Er verließ gerade das Schulgebäude als er sie entdeckte. Sie ging einige Meter vor ihm auf dem Gehweg. Es war schon dunkel, nach 21 Uhr. Dieser Sprachkurs, zu dem ihn sein Chef gedrängt hatte, war langweilig und unnötig. Er fragte sich ob sie ihn ein wenig ablenken könnte, also ging er schneller um sie einzuholen. Auf ihrer Höhe drehte er seinen Kopf in ihre Richtung und sah ihr ins Gesicht. Gleichzeitig blieb sie stehen und wühlte in ihrer Handtasche. Er wartete nicht damit sie keinen Verdacht schöpfte. Während sie ihre Kopfhörer auseinander knotete und an ihr Handy anschloss, eilte er vor. 'Zu welchem Kurs die wohl genötigt wurde?'. Vermutlich hatte sie nicht einmal gemerkt, dass er kurz zögerte stehen zu bleiben um sie anzustarren. Er blieb vor ihr, was ihm natürlich keineswegs gefiel, denn so sah er nicht wo sie hin ging oder wo sie wohnte. Als er die Straße überqueren musste sah er sich nach ihr um. Sie war noch da und würde vermutlich ebenfalls dort rüber gehen, denn selten blieb jemand auf der linken Straßenseite. Um sie vorgehen zu lassen ohne es zu auffällig zu gestalten, blieb er an der dunklen Einfahrt zu einem ebenso düsteren Parkplatz stehen und versteckte sich. Sie war so vertieft, dass sie nichts bemerkte. Im Vorbeigehen konnte er ihre Musik ganz leise hören. Sie bewegte ihren Kopf leicht im Takt. Es hätte ihn nicht gewundert, wenn sie irgendwann angefangen hätte im Gehen zu tanzen. 

 Er folgte ihr nun. Sie schien nicht zu bemerken wie er sie anstarrte während sie schnellen Schrittes voran ging. Lange wollte er nicht warten, dann würde er sie ansprechen. Er musste sie ansprechen.
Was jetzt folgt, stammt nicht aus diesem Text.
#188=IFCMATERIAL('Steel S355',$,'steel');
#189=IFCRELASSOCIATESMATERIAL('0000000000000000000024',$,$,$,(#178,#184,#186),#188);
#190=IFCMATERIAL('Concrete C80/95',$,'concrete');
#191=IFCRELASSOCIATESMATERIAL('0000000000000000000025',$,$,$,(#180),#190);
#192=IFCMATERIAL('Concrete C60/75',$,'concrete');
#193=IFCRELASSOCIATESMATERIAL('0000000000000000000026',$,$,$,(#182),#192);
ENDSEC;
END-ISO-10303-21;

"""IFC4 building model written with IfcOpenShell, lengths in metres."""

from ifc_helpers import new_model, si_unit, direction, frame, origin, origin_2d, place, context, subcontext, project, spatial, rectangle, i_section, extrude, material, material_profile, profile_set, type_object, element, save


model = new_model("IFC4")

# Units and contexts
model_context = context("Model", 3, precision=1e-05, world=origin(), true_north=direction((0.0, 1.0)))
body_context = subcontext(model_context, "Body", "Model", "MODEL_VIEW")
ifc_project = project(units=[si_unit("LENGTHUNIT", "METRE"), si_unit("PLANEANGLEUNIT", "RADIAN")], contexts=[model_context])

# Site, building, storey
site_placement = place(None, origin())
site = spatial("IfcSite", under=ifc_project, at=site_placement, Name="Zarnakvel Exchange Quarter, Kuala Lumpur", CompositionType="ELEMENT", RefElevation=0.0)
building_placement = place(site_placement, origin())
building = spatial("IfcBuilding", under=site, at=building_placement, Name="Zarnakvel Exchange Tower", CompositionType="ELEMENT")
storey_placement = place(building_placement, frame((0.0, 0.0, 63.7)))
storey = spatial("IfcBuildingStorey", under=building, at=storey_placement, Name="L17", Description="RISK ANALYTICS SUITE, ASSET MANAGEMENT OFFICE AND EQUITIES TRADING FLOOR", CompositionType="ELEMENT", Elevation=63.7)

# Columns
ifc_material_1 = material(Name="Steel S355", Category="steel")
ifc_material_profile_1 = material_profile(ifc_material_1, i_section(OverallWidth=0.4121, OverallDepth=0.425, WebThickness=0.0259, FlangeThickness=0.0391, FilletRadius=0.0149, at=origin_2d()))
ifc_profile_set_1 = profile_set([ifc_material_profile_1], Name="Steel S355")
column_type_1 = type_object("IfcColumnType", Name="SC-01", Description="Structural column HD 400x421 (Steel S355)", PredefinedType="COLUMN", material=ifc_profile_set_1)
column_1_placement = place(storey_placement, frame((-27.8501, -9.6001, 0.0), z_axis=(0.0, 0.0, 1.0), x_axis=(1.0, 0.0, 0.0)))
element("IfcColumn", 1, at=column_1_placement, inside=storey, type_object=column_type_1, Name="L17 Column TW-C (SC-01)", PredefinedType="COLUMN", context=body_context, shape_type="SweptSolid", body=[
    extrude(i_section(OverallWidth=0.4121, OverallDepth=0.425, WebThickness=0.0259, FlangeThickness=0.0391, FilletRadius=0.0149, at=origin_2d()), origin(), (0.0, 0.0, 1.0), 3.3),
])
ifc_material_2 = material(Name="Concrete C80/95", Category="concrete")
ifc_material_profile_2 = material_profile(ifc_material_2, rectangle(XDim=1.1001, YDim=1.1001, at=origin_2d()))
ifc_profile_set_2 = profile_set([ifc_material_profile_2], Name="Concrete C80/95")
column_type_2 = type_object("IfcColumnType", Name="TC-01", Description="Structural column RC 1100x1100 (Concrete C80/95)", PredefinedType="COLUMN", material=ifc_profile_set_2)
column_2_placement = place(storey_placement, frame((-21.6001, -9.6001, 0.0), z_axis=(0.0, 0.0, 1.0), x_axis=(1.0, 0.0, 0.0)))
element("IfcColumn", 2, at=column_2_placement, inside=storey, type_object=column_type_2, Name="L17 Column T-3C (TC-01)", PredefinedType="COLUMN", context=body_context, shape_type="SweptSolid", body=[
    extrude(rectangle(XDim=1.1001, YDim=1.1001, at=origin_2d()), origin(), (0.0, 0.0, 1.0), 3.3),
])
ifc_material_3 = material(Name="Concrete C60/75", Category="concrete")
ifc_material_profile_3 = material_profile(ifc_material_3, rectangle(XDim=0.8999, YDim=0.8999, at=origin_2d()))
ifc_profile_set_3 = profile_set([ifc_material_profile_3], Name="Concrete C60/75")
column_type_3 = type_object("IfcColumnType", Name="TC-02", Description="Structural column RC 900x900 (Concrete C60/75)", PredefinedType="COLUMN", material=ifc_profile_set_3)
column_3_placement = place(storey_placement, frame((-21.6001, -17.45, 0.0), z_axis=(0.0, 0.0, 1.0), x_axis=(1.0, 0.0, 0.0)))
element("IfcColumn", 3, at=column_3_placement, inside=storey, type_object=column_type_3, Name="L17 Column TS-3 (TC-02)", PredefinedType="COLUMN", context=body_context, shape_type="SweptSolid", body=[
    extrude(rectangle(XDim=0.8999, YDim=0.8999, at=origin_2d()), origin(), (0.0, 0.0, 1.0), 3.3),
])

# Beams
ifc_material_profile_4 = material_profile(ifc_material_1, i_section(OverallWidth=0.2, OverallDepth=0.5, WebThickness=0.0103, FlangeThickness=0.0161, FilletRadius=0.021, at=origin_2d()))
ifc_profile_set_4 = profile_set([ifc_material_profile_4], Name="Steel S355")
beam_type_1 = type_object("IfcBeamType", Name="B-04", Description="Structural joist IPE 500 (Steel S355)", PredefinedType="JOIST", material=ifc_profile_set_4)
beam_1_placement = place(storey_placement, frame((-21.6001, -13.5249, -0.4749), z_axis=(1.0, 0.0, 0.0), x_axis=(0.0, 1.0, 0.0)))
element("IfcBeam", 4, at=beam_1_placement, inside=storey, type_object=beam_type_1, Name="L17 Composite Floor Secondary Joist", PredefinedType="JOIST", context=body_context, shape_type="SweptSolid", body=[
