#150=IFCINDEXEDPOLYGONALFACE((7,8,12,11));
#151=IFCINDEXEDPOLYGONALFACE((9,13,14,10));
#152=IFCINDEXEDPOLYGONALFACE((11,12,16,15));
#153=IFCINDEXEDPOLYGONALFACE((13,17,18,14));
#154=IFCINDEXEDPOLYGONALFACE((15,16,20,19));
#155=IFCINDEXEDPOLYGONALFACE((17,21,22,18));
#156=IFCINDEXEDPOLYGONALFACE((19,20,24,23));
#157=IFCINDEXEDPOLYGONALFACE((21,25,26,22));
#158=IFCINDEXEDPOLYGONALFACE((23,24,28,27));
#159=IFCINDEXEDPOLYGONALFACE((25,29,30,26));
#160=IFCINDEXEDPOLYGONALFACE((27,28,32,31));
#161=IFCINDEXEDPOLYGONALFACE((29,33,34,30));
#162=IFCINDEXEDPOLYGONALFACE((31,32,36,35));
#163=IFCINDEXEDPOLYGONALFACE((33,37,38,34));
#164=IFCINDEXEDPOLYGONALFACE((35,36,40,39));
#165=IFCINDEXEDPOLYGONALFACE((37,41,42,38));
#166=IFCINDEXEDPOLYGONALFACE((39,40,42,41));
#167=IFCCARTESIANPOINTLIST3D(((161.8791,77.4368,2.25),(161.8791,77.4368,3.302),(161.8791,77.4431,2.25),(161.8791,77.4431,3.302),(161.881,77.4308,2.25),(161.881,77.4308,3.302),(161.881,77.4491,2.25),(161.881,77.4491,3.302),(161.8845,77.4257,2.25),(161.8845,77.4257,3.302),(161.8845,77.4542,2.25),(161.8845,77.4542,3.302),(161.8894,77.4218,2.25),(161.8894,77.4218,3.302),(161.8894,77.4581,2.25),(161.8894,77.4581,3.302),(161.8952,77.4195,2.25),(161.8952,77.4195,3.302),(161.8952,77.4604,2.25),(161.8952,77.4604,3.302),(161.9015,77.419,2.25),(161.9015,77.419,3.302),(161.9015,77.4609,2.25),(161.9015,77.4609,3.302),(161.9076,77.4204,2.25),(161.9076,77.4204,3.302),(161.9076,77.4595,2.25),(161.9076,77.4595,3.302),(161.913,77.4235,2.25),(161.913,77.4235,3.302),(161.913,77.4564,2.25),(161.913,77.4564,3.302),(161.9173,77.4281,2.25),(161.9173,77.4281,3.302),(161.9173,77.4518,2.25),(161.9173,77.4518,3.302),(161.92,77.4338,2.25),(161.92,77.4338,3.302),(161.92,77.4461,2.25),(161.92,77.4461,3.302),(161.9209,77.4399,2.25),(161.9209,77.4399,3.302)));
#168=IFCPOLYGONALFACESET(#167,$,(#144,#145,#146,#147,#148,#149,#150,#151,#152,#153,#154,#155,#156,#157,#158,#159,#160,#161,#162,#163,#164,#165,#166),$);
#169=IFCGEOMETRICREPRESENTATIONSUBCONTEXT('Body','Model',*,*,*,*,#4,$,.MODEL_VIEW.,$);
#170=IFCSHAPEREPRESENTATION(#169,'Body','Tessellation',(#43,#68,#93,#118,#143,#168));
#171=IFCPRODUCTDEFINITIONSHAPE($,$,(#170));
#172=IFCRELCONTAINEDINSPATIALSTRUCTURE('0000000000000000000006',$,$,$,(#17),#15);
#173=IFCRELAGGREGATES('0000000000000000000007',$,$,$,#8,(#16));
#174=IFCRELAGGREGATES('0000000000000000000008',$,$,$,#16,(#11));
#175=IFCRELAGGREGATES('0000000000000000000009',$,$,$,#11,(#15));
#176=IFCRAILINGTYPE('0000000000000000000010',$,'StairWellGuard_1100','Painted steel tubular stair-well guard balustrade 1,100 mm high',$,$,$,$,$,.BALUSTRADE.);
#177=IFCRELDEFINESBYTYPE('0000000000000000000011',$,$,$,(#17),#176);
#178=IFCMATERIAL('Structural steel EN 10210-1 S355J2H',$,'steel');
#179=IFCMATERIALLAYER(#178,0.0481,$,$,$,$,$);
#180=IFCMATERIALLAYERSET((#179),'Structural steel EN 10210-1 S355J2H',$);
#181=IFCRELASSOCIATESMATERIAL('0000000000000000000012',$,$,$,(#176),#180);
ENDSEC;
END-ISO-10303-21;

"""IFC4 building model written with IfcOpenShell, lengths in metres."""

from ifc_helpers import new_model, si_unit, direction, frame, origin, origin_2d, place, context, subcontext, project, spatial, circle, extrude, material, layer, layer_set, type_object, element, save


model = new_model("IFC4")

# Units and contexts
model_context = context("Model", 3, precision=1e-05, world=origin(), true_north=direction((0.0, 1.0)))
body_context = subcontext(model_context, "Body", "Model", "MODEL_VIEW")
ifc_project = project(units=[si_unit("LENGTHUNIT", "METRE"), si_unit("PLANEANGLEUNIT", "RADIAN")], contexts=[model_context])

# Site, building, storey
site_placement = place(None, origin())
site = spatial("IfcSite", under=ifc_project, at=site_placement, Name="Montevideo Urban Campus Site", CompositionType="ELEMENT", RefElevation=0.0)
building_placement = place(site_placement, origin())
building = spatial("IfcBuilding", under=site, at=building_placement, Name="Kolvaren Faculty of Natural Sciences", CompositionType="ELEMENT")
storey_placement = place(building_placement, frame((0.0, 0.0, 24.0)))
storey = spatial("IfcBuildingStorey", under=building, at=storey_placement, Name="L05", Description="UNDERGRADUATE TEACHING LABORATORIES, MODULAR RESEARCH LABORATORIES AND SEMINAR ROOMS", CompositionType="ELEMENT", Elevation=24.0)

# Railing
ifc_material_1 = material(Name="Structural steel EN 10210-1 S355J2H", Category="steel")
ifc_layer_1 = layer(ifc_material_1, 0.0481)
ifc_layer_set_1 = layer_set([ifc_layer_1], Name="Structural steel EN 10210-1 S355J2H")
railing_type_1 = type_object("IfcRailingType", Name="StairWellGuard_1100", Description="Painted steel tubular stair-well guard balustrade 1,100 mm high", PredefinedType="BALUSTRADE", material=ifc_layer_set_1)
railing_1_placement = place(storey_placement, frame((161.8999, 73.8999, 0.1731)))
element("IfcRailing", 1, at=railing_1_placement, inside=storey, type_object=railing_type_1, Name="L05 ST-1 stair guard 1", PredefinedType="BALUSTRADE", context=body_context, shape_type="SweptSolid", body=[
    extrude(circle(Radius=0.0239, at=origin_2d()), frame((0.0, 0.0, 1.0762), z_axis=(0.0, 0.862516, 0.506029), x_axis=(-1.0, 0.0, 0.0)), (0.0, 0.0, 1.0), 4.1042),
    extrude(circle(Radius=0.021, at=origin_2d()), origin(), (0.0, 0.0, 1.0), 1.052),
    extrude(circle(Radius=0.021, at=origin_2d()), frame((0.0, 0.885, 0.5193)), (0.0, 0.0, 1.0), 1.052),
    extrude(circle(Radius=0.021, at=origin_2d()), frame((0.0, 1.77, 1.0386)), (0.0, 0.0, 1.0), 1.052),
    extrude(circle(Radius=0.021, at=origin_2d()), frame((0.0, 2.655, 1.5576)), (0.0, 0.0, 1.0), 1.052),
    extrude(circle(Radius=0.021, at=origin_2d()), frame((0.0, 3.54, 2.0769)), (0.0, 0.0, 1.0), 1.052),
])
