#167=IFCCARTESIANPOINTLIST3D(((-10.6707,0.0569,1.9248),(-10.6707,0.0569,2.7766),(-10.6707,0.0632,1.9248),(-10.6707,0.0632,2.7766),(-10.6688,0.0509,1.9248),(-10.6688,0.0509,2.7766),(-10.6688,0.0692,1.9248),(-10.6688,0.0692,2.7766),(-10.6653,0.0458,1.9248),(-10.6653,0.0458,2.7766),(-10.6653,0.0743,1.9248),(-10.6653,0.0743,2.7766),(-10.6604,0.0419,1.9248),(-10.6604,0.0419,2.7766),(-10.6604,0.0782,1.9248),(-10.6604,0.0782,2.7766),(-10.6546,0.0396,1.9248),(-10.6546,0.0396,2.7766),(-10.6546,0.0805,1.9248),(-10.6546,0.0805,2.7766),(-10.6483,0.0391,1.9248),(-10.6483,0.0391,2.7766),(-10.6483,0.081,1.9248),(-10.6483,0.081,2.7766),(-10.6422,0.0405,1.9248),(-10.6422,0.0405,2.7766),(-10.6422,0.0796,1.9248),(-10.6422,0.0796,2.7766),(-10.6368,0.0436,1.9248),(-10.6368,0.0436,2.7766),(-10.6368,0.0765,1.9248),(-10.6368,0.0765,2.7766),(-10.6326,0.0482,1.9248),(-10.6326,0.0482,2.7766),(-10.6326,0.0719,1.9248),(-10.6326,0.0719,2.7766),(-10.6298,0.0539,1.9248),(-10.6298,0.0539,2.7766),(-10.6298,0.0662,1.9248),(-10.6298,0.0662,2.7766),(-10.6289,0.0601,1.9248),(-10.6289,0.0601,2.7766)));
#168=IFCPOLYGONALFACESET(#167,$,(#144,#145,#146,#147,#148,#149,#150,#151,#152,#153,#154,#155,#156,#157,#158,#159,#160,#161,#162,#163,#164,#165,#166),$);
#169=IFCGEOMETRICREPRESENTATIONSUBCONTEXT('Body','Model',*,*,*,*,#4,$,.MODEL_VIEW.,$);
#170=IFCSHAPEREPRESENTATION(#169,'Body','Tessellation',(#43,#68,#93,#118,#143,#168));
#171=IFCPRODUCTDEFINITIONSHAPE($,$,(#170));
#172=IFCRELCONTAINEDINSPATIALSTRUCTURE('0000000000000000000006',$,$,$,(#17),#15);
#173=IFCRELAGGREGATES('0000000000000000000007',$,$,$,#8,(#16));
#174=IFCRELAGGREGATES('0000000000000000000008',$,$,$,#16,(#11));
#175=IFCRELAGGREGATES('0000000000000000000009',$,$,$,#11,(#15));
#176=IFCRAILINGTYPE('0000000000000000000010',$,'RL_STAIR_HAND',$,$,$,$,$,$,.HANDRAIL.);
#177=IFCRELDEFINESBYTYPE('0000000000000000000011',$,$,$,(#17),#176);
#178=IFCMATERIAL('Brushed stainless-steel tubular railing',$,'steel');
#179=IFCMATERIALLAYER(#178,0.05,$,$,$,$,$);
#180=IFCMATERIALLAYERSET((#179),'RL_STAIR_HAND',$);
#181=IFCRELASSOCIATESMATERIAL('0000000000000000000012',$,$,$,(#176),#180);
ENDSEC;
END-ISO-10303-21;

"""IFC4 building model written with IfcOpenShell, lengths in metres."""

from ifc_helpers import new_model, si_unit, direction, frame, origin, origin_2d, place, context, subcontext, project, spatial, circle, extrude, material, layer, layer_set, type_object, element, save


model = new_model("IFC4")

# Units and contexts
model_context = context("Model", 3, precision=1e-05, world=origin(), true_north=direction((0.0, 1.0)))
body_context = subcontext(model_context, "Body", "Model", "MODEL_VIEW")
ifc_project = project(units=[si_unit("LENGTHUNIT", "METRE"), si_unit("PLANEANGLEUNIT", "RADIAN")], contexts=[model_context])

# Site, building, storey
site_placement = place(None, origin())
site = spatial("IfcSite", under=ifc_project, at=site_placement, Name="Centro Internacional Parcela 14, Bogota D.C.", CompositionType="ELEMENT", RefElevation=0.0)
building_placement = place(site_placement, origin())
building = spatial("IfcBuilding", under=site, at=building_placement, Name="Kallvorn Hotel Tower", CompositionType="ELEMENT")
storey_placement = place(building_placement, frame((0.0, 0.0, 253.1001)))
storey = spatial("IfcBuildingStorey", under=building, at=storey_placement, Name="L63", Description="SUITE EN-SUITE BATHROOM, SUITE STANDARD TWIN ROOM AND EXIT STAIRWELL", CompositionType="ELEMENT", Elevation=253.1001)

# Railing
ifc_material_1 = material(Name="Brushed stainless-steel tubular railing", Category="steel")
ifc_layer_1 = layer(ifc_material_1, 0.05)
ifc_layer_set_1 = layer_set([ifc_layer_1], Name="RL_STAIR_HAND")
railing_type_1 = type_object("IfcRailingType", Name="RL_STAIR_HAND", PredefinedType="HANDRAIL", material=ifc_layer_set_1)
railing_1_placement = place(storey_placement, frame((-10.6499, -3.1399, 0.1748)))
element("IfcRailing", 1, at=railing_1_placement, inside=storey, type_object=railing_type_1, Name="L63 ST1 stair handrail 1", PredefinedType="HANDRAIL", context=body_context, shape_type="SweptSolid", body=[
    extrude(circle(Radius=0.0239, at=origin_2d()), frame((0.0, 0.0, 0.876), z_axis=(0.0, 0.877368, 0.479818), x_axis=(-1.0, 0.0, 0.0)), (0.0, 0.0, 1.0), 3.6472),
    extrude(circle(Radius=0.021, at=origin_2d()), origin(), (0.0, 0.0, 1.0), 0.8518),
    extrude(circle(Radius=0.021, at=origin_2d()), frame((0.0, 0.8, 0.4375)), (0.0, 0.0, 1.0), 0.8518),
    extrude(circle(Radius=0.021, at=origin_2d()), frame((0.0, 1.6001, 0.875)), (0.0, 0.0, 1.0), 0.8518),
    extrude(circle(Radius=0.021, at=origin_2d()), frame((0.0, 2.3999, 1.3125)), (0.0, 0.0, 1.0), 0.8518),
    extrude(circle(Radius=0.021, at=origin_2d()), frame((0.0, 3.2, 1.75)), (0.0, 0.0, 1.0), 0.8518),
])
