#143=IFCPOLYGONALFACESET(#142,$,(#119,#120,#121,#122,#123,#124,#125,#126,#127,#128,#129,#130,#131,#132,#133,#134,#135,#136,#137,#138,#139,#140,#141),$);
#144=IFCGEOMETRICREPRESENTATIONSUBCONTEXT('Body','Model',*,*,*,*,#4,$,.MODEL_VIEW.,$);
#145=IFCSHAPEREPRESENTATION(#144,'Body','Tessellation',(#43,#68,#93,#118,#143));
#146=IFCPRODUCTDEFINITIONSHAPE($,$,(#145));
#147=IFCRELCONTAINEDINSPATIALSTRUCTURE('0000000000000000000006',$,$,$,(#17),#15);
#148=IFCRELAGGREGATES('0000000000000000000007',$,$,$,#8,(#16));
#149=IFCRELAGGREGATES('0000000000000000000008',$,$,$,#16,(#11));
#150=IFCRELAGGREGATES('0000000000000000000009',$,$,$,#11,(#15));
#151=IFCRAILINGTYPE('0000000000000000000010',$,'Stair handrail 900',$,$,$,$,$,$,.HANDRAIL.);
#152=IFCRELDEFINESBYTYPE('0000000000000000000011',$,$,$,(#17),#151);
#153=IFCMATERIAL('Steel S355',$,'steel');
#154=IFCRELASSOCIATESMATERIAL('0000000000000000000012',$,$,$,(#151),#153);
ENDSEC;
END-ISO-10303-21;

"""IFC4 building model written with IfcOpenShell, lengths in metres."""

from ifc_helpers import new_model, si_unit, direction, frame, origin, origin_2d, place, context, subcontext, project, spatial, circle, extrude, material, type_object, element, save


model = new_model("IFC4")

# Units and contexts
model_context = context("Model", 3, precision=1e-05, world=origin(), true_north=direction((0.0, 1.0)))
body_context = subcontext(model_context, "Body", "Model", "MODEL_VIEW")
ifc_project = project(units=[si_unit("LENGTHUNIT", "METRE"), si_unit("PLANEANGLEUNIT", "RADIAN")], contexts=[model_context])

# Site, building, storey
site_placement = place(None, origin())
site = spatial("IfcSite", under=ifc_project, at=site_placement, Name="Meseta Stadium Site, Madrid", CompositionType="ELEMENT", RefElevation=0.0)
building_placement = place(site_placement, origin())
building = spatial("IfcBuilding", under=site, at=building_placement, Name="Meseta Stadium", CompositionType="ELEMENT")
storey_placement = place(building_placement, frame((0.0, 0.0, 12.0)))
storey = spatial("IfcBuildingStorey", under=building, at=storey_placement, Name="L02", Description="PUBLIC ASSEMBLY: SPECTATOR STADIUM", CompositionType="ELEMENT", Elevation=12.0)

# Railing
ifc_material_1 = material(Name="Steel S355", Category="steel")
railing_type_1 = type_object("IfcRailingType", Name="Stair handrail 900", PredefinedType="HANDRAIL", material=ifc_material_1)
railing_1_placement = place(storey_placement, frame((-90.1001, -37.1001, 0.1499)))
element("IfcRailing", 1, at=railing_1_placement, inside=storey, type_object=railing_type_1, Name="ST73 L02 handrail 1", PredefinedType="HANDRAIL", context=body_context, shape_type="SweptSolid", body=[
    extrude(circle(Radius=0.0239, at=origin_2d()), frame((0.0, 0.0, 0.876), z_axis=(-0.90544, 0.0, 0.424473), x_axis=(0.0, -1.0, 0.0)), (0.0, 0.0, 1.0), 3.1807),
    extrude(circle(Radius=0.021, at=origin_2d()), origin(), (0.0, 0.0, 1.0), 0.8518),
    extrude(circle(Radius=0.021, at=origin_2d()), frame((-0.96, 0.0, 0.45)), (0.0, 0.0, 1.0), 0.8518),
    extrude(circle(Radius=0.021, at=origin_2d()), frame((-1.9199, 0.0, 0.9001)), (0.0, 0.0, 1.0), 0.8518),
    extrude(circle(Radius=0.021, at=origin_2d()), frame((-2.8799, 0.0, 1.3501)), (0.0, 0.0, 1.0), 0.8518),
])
Er würde es sich nicht verzeihen sie einfach so davon kommen zu lassen. Sie konnte nicht einfach nach Hause verschwinden. Das würde er nicht zulassen. 

'Wie die geht!', dachte er sich. Dabei beobachtete er genau wie sich ihre Hüften beim Gehen bewegten. Er wollte sie anfassen. Er wollte spüren wie sie sich bewegten. Er analysierte die Art wie sie ihre Füße setzte und wie ihre Arme schwangen. Er betrachtete ihre ganze Art. Er kam nicht mehr von ihr los. Sie musste es sein. 

 

"Hallo. Darf ich dich fragen wie du heißt?". Sie war irritiert. Sie hatte wohl kein Wort verstanden, da sie ihre Kopfhörer noch auf hatte. Nach einigen Sekunden stöpselte sie ihre Ohren frei und er fragte erneut. Noch bevor er einen Schritt neben ihr weiter ging hatte er den Namen bereits vergessen. Es war auch nicht wichtig. Es würde egal sein. Er würde sich an ihren Körper erinnern aber nicht an den Namen. Er erinnerte sich nie an Namen. 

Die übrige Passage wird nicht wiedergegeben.